Improving Broadband

Posted by: Mike-B on 23 March 2016

I have fibre optic (FTTC) broadband coming next week & have just done the prep work get the best out of it before it arrives. Line speed can be affected with old style flat ribbon telephone cables connecting the router, so they had to go. But interestingly I found these cables had an affect my (current) ADSL2 performance & I thought it would be interesting for forum'ites to see the results.  

I had two sections of the old flat ribbon cable, 5m from the ADSL filtered wall socket to UPS (surge protection) & 3m from UPS to router. 8m in total was way too much & the surplus was folded & taped to tidy the unwanted length.                                                     I installed two ADSL 2+ cables – 2x twisted pairs & 100mb/s capable - 1m from wall to UPS & 2m from UPS to router, that's a 62% length reduction from the previous 8m.

Previous cable speed test to laptop over over wireless & nothing else streaming or connected to www,  download speed was typically 20 to 21mb/s  -  but if I had something else running on another tab (yes I know you shouldn't) like a web news video,  then the download speed was 15 to 17mb/s.           With the new cables the speed test over wireless & nothing else connected is more or less unchanged at 20 to 21mb/s.  The change was when a news video was running on another tab,  the download speed is now 19 to 20mb/s.  
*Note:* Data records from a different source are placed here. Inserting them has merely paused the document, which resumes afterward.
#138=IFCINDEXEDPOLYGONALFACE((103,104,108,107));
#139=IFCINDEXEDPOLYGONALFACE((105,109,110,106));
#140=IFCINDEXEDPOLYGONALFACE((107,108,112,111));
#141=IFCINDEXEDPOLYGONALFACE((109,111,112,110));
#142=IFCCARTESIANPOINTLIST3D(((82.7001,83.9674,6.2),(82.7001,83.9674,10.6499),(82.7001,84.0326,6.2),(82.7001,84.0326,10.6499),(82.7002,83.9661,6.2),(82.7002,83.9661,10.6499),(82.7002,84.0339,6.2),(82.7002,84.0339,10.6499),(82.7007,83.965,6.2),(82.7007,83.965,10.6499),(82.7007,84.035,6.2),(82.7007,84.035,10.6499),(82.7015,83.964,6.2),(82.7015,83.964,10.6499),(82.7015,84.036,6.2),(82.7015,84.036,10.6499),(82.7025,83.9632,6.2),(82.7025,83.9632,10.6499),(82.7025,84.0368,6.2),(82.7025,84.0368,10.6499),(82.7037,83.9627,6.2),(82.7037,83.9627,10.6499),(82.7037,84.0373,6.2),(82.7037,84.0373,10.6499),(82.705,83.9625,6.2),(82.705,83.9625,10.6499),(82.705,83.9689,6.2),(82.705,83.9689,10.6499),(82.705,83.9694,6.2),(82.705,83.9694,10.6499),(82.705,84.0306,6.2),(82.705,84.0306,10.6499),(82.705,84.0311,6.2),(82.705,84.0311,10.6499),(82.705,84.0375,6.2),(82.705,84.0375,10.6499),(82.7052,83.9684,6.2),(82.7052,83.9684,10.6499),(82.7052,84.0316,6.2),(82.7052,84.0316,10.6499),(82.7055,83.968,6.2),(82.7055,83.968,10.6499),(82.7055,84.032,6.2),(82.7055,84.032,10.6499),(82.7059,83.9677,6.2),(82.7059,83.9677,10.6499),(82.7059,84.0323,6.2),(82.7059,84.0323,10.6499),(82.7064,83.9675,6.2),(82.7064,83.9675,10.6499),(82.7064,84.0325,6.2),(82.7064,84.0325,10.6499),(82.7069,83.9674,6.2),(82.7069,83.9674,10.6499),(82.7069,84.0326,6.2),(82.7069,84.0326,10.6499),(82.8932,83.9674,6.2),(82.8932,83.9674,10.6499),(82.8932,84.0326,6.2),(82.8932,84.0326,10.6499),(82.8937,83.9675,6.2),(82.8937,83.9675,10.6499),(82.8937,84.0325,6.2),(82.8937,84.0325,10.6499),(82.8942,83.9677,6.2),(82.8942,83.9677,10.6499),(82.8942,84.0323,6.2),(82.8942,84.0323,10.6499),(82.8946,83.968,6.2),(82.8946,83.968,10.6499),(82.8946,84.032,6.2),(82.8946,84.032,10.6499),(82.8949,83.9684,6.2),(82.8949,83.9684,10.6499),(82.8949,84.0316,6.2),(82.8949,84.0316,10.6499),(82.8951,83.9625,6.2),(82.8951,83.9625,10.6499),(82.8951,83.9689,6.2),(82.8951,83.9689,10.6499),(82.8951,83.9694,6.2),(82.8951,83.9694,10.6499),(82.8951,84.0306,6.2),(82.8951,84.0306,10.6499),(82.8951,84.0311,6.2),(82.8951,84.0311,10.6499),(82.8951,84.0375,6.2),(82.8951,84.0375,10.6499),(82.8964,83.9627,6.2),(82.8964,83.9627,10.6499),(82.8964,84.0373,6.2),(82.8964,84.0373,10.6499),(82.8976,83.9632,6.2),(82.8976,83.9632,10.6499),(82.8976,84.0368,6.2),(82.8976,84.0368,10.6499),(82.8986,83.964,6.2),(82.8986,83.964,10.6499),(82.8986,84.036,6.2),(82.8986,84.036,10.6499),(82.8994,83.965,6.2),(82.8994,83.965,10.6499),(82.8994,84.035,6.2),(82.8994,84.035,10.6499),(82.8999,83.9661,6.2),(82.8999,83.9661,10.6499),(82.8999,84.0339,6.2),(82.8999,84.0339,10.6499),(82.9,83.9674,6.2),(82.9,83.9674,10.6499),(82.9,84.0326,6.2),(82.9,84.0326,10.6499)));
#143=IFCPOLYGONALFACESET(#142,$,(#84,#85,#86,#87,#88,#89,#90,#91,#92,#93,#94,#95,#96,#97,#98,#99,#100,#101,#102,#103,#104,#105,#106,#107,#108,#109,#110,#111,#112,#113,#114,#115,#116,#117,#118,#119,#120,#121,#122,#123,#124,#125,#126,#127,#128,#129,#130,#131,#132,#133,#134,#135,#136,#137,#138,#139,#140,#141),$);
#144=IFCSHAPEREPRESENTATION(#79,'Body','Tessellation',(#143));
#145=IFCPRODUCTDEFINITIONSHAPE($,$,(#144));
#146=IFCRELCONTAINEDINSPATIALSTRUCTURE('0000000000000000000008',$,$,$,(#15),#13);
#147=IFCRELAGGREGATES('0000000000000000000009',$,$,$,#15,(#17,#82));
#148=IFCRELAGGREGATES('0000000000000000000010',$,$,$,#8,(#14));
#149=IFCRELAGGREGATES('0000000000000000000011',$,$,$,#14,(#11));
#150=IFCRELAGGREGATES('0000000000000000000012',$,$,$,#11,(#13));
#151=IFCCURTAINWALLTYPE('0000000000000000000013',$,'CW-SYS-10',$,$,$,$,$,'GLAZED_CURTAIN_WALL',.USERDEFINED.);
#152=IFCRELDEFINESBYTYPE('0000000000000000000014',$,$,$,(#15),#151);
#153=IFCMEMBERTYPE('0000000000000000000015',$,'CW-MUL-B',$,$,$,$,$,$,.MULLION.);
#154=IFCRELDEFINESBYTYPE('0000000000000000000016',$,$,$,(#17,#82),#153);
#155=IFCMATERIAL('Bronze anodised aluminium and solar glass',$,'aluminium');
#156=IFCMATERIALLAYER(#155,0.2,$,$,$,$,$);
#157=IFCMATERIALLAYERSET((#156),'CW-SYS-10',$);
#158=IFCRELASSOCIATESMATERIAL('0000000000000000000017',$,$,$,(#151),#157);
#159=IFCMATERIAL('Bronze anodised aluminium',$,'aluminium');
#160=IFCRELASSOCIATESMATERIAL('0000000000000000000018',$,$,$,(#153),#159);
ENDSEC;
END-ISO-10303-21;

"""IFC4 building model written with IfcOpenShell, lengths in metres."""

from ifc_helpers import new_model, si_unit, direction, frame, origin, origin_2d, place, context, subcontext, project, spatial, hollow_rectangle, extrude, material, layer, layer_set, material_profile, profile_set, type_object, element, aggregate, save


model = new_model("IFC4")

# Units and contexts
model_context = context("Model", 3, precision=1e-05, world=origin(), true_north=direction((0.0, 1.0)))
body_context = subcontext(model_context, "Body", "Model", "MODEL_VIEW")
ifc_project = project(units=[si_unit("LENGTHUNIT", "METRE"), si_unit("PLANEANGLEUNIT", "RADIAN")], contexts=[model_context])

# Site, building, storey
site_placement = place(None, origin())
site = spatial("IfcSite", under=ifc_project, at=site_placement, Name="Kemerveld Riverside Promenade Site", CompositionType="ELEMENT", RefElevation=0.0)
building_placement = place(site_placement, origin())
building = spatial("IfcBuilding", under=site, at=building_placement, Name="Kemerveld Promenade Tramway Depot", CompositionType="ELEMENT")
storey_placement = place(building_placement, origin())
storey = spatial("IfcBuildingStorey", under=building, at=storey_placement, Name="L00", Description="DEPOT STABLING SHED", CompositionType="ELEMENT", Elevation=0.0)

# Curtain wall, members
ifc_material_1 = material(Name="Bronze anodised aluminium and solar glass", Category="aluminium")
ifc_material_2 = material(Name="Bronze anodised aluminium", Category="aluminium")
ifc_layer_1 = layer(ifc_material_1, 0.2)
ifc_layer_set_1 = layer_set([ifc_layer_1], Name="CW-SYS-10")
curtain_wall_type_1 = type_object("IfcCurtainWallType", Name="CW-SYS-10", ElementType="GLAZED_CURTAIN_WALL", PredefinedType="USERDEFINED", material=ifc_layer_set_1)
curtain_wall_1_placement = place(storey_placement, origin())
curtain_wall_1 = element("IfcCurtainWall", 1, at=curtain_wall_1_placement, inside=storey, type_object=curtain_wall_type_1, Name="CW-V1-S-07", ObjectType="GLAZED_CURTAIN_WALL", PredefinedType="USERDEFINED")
So a tip for squeezing more from broadband; change out those old style flat telephone cables  &  don't overlook the wire if your broadband wall socket is an extension; if its connected by an old style flat ribbon cable extension back to the service master socket, that needs to go as well, you need the twisted pair stnd all the way to the router.  It might not make much of a change,  but it will do better with a decent cable.

Posted on: 23 March 2016 by GerryMcg

I also found that keeping the modem to BT fibre point cable short had a beneficial impact. I have a 0.5m RJ11 cable here, and run 40m RJ45 to my Router. My regular speed is 78mb/s download and 19mb/s upload. 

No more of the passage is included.